A Study to Evaluate the Safety and Tolerability of GEN6050X in Duchenne Muscular Dystrophy. (GEN6050XIIT)

Chinese Academy of Medical Sciences & Peking Union Medical College

Status and phase

Active, not recruiting

Early Phase 1

Conditions

Duchenne Muscular Dystrophy (DMD)

Treatments

Genetic: GEN6050X intravenous injection

Study type

Interventional

Funder types

Other

Identifiers

NCT06392724

GATx-01-IIT-CLINC

Details and patient eligibility

About

The study will evaluate the safety and tolerability of GEN6050X gene therapy in Duchenne muscular dystrophy (DMD) patients amenable to exon 50 skipping.

Full description

GEN6050X is an intravenously administered human DMD exon 50 skipping base editing drug containing dual single-stranded adeno-associated virus serotype 9 (ss.AAV9) vectors.

The study is a first-in-human, single-arm, open-label, single-center clinical trial to evaluate safety and tolerability of a single intravenous infusion of GEN6050X in ambulatory boys with DMD. Other objectives include pharmacokinetics, pharmacodynamics, and the preliminary clinical efficacy of GEN6050X over 52 weeks. A total of three ambulatory pediatric participants (aged 4 to 9 years old) are expected to enroll, each receiving a dose of 5×10^13 vg/kg. These participants will be dosed in a staggered fashion.

Safety assessments will include monitoring of adverse events (AEs), laboratory tests, electrocardiograms (ECGs), vital signs, and physical examinations throughout the study duration.

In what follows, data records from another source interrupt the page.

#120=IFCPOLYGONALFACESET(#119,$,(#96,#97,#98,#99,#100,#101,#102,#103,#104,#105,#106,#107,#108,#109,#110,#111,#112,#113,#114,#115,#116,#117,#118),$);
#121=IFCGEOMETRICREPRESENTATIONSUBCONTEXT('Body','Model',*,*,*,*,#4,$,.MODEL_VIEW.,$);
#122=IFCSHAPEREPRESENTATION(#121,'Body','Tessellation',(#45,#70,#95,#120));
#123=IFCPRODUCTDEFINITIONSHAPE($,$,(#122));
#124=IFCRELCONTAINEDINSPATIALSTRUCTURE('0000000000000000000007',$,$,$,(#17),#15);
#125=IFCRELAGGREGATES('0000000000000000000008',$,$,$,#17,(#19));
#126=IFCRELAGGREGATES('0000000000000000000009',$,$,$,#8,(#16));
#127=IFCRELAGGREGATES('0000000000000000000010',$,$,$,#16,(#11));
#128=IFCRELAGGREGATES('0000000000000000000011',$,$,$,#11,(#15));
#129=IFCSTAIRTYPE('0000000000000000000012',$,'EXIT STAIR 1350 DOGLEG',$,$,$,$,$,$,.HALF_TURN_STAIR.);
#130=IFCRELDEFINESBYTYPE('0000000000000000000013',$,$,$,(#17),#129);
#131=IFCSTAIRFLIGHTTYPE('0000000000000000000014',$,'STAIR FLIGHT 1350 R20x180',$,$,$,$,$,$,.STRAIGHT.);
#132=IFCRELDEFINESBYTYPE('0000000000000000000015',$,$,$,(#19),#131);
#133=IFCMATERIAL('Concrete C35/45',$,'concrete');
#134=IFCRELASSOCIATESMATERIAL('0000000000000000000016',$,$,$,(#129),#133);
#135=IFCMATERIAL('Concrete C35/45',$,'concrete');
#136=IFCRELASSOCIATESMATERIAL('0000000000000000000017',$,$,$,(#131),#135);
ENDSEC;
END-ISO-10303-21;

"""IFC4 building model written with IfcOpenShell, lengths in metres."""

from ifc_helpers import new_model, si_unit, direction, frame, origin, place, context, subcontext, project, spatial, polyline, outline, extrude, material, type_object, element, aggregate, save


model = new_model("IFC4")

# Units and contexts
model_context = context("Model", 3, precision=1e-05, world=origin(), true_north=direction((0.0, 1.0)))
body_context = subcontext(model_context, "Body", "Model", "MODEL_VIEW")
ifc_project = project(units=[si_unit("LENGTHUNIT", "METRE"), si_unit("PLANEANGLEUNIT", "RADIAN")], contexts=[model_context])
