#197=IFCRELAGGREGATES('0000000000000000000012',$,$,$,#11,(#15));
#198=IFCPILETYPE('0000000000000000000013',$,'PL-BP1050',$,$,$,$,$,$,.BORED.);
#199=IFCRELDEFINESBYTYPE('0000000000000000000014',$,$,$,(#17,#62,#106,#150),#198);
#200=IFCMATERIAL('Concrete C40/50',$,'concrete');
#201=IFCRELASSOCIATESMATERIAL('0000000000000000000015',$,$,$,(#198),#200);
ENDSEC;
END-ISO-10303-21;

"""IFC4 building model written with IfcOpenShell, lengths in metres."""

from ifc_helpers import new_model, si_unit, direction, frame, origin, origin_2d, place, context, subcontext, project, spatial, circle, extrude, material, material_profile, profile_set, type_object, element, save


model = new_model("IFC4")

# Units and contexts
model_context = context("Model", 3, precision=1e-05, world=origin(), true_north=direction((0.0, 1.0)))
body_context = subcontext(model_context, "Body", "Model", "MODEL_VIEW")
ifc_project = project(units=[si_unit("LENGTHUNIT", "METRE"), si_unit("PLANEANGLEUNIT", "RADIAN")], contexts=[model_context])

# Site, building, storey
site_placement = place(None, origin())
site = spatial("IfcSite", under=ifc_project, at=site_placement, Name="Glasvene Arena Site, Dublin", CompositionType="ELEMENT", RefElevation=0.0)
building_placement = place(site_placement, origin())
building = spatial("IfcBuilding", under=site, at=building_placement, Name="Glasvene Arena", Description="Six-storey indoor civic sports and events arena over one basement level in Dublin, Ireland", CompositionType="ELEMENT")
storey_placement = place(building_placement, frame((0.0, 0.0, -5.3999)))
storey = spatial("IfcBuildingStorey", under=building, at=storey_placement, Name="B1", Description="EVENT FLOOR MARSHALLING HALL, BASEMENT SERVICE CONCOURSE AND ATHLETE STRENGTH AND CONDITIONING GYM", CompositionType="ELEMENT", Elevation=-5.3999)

In addition, a comprehensive short-term prophylactic immunosuppression regimen(including rituximab and sirolimus) will be administered prior to treatment in order to mitigate potential immune response.

Enrollment

3 estimated patients

Sex

Male

Ages

4 to 10 years old

Volunteers

No Healthy Volunteers

Inclusion criteria

Subject age: 4-10 years old (including 10 years old)
Gender: Male
Patients with DMD gene exon deletion types confirmed by molecular diagnosis: 8-49, 20-49, 22-49, 51, 51-53, 51-55, 51-57, 51-59, 51-60, 51-67, 51-69, 51-75 or 51-78 and other mutations amenable to exon 50 skipping.
The participant is able to walk independently and completes the 10-meter walk test without assistance.
Participant is able to complete time to stand from supine independently in less than 30s.
The participant is able to cooperate with motor assessment testing.
Receipt of glucocorticoids for 6 months and a stable daily dose for at least 12 weeks prior to study entry
Ability to tolerate muscle biopsies under anesthesia with no contraindications to these procedures.

Exclusion criteria

Participants are in the active period of viral infection, including infections such as TORCH virus, Epstein-Barr(EB) virus, and severe acute respiratory syndrome coronavirus 2 (SARS-COV-2).
Received a live attenuated vaccine within 3 months prior to receiving GEN6050X, or was exposed to an influenza (or other inactivated) vaccine within 30 days prior to receiving GEN6050X, or received systemic antiviral, anti-infective, and/or interferon therapy.
Serological tests found HIV, Hepatitis B Virus(HBV), hepatitis C virus(HCV), and syphilis infection.
Severe infection (e.g., pneumonia, pyelonephritis, or meningitis) within 4 weeks prior to receiving gene therapy.
With clear symptoms of cardiomyopathy, echocardiography shows that the left ventricular ejection fraction is less than 40%.
Need for continuous or intermittent assisted support from a ventilator.
Diagnosed with autoimmune disease or receiving related treatment for autoimmune disease.
The following indicators are abnormal in laboratory biochemical testing:

γ-glutamyl transpeptidase (GGT) above the 2-fold upper limit and total bilirubin above 1.5 times the upper limit, cystatin C (cystatin C) > 1.27 mg/L, hemoglobin (Hgb) < 100 or >200 g/L; Leukocytes (WBC) > 18.5×10^9/L or platelet ≤ 125×10^9/L.
The titer of AAV9 neutralizing antibody determined by cell suppression assay > 1:50.
Patients have received any gene therapy (e.g., adeno associated virus(AAV) gene therapy), cell therapy (e.g., stem cell transplantation), in vivo editing, or ex vivo editing therapy (e.g., CRISPR-Cas9, TALEN) in the past.
Participant has any contraindication to immunosuppressive therapy.
Has a medical condition or extenuating circumstance that, in the opinion of the principal investigator, is unsuitable for participation in the clinical trial.
The family does not wish to disclose the patient's study participation to the attending physician and other medical providers.